Yemekler etli ise yağsız pişirilmeli, kızartmalardan kaçınılmalıdır. Bunun yerine ızgara, buğulama, haşlama ya da fırında yöntemleri tercih edin.
Sebze yemeklerine kişi başına 1 yemek kaşığı gibi zeytinyağı koyarak pişirin.
Öğle ve akşam öğünlerinize salata ekleyin ancak sos olarak sadece 1 yemek kaşığı zeytinyağı, limon ve sirke kullanın. Salata sınırsız tüketilebilir. Fakat salatalarda Mısır, ton balığı, ceviz, havuç gibi besinler serbest kullanılmamalıdır.
Yeterli düzeyde uyku en önemli unsurdur. Yetişkinler 8 saatten fazla uyumamaya özen gösterin.
Alınan tüm toksinleri vücuttan uzaklaştırabilmek için 8 -12 bardak su içilmelidir. Suyun; vücut ısısının dengelenmesi, besinlerin sindirimi ve emilimi sırasında hücrelere taşınması, toksinlerin vücuttan arındırılması gibi birçok görevi vardır. Vücut suyu azalınca baş ağrısı ile kendini göstermektedir.

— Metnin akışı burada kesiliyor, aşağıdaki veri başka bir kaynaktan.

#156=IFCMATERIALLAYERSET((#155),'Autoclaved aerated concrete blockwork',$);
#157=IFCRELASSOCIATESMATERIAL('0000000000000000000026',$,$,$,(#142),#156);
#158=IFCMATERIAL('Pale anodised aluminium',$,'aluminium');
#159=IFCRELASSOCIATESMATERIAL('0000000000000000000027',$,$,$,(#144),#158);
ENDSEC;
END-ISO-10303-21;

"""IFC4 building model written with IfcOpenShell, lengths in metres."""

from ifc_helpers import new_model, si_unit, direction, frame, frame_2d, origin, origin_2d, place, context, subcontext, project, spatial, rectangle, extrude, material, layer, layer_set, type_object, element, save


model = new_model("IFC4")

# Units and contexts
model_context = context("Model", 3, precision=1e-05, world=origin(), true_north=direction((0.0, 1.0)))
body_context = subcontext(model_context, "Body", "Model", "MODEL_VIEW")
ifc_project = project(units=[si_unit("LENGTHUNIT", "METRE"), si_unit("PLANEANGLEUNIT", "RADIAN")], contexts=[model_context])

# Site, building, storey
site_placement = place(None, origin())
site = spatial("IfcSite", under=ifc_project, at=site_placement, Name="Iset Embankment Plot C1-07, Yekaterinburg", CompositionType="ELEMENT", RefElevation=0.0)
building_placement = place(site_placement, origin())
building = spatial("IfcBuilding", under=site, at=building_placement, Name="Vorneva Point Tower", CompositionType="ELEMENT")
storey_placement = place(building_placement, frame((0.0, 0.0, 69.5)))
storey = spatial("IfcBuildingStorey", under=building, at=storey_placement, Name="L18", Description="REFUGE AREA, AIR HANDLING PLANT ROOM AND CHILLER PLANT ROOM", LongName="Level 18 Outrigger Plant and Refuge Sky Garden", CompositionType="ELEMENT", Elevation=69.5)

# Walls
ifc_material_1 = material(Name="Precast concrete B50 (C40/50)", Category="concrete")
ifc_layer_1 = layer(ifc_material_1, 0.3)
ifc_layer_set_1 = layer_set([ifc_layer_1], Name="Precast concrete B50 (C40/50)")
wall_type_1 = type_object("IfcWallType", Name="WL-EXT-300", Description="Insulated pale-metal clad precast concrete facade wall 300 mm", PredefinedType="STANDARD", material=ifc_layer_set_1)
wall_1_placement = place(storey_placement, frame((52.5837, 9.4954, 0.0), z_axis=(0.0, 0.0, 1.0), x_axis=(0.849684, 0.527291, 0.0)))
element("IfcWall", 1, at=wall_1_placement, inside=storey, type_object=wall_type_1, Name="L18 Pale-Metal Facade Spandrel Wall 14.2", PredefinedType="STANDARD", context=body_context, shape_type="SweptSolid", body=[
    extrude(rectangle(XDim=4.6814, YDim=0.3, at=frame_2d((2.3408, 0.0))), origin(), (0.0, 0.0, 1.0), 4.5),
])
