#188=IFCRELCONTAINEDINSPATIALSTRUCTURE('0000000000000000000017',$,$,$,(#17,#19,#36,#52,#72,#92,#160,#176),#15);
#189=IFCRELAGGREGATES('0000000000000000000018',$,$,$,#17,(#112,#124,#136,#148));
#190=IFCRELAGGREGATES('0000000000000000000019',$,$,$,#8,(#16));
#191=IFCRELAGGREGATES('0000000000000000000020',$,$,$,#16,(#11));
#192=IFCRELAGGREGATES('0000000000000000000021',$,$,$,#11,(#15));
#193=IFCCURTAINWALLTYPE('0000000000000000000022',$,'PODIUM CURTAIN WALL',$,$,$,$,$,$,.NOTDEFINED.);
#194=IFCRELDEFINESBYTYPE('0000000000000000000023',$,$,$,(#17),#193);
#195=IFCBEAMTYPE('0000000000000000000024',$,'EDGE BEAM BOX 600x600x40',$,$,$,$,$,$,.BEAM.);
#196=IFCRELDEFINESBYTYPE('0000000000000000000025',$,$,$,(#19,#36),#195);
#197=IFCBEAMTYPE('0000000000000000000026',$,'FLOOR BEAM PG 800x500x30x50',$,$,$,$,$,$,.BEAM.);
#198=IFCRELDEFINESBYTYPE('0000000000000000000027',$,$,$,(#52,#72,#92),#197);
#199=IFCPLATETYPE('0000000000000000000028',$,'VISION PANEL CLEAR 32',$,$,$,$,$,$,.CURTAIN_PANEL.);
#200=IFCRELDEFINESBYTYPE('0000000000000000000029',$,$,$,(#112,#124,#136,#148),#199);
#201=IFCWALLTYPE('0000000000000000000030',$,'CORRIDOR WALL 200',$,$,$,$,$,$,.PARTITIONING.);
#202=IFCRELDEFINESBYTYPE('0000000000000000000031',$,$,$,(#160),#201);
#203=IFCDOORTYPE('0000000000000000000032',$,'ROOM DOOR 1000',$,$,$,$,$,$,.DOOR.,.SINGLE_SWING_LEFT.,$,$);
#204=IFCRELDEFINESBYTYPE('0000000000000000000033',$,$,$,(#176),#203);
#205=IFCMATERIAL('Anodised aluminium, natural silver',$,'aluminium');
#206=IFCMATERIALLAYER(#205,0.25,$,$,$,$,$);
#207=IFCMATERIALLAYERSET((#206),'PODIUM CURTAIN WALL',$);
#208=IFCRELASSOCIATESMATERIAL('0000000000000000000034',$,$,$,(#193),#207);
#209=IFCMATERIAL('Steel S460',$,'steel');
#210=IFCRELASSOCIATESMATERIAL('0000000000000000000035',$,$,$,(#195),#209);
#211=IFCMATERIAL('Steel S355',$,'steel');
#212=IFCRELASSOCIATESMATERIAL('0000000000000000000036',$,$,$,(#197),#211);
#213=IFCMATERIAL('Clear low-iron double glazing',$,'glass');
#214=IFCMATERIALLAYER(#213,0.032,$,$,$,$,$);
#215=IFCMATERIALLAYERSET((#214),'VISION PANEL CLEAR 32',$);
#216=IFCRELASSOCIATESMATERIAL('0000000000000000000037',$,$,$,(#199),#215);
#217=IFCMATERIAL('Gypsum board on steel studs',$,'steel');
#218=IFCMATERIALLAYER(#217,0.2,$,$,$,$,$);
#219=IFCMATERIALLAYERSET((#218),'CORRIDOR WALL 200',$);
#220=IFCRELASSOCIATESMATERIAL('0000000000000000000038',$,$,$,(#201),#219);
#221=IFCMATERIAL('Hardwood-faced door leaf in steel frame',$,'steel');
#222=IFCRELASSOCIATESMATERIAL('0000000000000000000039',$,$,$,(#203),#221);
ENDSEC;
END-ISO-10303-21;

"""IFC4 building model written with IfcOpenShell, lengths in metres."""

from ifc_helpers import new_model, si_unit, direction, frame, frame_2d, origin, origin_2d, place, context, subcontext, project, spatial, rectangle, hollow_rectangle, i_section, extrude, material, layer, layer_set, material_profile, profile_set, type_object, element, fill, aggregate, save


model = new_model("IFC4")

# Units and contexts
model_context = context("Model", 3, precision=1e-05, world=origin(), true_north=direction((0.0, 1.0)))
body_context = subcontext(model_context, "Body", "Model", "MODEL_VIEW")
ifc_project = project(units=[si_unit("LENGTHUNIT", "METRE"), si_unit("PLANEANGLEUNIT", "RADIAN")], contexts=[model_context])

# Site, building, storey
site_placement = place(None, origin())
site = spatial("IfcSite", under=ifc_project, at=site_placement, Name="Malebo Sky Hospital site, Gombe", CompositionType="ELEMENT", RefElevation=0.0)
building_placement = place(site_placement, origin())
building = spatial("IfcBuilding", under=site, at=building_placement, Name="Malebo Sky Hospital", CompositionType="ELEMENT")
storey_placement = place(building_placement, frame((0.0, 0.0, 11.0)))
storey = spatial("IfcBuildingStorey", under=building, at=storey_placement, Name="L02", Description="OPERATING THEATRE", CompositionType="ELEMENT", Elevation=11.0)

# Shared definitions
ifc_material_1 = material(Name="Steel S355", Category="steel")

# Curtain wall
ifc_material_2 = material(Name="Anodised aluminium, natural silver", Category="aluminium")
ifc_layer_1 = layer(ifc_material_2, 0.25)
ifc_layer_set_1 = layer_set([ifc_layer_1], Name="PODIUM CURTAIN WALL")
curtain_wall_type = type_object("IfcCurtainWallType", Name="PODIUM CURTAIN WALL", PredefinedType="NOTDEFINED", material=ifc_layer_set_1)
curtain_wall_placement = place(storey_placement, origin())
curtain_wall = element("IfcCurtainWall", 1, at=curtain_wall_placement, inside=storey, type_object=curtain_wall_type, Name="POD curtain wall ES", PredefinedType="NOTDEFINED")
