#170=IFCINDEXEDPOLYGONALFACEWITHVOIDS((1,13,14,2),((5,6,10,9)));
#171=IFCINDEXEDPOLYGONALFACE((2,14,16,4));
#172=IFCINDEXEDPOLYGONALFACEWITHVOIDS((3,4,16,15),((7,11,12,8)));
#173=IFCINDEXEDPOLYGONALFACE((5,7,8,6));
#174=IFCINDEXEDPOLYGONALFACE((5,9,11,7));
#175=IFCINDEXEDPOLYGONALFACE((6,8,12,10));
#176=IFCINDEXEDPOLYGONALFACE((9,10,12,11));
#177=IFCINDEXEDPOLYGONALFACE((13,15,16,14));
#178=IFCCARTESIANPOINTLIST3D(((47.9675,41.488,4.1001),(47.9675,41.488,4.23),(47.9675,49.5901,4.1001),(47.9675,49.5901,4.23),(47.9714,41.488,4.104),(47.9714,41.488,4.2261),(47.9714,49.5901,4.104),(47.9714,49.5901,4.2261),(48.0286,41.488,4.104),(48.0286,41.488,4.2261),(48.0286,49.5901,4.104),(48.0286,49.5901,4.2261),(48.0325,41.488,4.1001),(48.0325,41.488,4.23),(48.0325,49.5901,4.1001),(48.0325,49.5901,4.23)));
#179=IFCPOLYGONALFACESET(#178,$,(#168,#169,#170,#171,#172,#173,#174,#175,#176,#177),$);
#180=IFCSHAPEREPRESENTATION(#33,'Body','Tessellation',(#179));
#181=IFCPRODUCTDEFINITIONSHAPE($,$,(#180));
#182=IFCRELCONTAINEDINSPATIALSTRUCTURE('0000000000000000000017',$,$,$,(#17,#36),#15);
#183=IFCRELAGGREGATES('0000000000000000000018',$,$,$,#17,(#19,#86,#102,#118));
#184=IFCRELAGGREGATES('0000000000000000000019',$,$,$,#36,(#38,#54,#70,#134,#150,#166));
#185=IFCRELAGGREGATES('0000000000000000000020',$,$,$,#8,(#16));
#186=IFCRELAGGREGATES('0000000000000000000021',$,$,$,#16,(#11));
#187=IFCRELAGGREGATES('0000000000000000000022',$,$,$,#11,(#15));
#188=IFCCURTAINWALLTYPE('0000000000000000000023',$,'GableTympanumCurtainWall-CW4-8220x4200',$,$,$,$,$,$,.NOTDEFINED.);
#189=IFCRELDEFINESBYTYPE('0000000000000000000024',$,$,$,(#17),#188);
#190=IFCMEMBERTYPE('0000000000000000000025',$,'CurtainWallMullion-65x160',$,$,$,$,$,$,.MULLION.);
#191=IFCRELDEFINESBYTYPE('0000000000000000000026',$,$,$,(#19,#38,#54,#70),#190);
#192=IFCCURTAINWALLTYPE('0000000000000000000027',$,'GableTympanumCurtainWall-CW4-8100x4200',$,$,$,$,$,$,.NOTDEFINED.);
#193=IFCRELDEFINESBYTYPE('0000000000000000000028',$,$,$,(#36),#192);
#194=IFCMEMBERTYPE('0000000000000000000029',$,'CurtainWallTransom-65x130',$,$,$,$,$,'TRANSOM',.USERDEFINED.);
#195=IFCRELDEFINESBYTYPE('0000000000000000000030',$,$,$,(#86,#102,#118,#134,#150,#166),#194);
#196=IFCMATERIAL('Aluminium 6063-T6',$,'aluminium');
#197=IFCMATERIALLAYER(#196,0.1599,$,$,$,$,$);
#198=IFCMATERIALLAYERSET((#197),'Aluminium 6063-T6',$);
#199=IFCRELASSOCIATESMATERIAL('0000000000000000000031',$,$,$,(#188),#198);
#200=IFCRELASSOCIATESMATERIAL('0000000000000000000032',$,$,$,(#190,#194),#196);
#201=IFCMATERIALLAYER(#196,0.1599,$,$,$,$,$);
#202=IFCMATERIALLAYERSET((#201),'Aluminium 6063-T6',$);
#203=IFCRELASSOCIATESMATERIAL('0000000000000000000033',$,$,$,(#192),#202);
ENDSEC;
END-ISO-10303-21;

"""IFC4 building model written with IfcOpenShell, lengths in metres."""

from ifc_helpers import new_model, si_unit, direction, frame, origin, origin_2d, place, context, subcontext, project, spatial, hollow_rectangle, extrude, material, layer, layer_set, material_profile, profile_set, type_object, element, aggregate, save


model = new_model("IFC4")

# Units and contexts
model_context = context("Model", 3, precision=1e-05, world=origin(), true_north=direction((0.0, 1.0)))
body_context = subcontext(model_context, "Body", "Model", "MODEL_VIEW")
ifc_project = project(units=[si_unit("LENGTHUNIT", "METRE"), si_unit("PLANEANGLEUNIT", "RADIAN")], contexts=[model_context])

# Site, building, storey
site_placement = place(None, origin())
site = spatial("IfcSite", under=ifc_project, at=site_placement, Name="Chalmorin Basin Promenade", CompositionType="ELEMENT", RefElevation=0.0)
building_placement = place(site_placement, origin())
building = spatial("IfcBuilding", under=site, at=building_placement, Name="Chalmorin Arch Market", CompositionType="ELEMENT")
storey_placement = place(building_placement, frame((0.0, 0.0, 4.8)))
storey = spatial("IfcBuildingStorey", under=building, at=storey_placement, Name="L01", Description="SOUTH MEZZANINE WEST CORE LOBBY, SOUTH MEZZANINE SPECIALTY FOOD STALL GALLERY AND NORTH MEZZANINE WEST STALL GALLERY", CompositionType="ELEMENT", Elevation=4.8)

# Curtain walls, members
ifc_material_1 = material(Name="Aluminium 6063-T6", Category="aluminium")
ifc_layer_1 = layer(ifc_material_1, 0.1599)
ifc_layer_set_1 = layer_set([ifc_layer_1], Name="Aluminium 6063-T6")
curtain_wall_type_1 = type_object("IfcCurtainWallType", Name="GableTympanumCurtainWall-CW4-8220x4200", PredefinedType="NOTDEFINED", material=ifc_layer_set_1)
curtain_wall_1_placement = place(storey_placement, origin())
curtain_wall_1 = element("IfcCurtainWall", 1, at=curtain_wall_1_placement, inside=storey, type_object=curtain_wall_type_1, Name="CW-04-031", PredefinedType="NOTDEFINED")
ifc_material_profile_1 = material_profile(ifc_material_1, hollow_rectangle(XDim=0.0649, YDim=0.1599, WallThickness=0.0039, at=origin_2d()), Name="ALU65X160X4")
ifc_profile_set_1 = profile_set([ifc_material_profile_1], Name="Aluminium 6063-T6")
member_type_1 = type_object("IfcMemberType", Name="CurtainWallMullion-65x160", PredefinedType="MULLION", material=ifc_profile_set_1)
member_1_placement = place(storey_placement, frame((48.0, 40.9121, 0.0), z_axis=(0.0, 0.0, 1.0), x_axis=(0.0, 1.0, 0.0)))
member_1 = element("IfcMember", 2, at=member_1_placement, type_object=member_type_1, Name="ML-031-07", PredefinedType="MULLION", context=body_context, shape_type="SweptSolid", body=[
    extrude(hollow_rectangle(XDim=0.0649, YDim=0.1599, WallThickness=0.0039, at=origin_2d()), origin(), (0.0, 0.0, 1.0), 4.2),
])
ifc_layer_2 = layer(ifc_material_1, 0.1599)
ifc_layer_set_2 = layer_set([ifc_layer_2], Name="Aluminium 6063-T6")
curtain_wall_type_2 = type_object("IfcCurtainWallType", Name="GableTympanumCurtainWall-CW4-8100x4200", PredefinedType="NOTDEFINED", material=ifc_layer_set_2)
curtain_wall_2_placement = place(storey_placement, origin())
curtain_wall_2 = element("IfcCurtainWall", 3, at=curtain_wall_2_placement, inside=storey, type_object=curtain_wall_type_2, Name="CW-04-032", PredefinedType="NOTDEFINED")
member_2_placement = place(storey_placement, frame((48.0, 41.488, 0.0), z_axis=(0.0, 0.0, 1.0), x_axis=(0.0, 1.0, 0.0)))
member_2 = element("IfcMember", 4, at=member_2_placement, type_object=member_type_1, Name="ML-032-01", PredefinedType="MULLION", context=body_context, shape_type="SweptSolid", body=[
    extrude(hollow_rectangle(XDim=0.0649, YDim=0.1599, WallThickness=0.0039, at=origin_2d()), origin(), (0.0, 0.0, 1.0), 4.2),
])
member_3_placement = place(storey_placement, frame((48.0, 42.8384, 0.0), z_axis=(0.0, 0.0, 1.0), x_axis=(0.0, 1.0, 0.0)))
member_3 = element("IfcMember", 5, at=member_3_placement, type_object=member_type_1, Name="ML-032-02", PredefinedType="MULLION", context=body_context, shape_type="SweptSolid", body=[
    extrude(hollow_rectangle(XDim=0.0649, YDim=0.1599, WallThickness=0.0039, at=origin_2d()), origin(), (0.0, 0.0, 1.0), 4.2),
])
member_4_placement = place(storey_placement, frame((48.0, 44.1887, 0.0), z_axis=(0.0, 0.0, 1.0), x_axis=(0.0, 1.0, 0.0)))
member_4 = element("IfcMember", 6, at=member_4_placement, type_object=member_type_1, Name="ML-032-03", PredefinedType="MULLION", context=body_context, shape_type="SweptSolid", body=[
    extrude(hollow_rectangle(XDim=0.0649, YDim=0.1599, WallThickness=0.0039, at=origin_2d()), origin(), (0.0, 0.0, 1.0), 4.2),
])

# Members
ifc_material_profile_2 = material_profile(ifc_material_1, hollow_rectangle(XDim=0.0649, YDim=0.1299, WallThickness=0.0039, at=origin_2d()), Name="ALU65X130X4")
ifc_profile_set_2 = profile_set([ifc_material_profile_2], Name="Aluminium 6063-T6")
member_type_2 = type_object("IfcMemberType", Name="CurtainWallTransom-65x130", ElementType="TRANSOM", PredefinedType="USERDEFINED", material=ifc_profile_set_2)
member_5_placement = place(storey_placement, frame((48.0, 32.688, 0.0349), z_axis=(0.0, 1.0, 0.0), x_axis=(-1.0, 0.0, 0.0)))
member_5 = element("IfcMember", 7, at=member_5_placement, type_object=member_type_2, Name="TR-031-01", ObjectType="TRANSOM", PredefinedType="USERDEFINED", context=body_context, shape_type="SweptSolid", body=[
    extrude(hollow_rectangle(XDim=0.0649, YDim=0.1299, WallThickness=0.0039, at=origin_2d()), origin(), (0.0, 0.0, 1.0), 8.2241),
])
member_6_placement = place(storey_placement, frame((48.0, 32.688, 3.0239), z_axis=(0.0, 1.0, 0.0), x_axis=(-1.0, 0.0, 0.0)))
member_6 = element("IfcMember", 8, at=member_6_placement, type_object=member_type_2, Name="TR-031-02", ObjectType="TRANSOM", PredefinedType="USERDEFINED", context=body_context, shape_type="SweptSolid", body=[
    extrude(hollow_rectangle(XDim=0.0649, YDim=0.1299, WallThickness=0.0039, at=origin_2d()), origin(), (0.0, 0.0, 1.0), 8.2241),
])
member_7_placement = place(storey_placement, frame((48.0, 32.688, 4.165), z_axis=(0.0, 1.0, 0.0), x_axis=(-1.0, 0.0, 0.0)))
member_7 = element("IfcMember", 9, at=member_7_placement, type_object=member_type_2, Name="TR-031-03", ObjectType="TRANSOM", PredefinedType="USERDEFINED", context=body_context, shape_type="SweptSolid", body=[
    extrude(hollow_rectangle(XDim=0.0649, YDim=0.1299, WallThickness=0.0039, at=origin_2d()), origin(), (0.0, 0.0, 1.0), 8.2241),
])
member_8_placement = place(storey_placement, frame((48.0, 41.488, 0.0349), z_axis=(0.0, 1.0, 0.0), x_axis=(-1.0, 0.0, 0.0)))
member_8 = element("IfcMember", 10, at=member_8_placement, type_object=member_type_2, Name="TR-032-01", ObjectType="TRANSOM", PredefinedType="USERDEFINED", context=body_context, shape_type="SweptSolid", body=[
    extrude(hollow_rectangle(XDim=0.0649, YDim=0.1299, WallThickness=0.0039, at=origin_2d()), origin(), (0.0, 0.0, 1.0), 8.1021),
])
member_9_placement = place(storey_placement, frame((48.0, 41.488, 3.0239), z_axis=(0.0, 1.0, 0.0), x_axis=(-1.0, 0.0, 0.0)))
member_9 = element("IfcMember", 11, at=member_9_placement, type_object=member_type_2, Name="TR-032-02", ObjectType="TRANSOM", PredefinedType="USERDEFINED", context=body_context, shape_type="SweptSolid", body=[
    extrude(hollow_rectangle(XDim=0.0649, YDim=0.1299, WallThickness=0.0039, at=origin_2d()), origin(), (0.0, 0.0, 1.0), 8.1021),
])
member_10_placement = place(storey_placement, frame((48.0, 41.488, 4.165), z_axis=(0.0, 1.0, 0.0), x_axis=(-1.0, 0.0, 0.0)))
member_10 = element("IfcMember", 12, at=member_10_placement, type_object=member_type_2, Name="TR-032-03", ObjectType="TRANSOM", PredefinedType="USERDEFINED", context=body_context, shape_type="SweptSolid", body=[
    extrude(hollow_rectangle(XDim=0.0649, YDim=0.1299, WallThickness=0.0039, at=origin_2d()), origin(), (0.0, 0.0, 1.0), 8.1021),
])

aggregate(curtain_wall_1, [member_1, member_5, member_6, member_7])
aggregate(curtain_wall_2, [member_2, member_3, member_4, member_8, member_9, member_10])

Sonbaharda hastalıklardan daha uzak kalmak için bağışıklık sistemini güçlendirmek için antioksidan besinleri tüketmek gerekir. Antioksidanlar, hücrelerdeki oksitlenmeyi önleyen maddeler olarak nitelendirilirler. Bunu vücuttaki bazı enzimleri artırıp, savunma mekanizmasını daha da güçlendirerek gerçekleştirmektedir. Bu sayede vücut direnci artmakta, böylelikle enfeksiyonlara yakalanma riski azalmakta, eğer hastalık oluşmuşsa daha kısa sürede atlatılmasını sağlanmaktadır.
Diyet ile birlikte düzenli spor yapılmalıdır. Haftada 3–4 gün 40 dakika tempolu yürüyüş, bisiklete binme, dans, aerobik, jimnastik, tenis veya yüzme kalbi çalıştıran sporlardır.
Sebze ve meyve tüketiminizi dengeleyin. Günde en az 4–5 yemek kaşığı sebze yemeğini ve günlük 3 porsiyon meyveyi öğünlere dağıtın. Ana öğünlerde tamamlayıcı olarak meyve suları gibi kalorili içecekler yerine salata kullanın. 2 haftada bir kez kuru baklagilleri sofrada eksik etmeyin.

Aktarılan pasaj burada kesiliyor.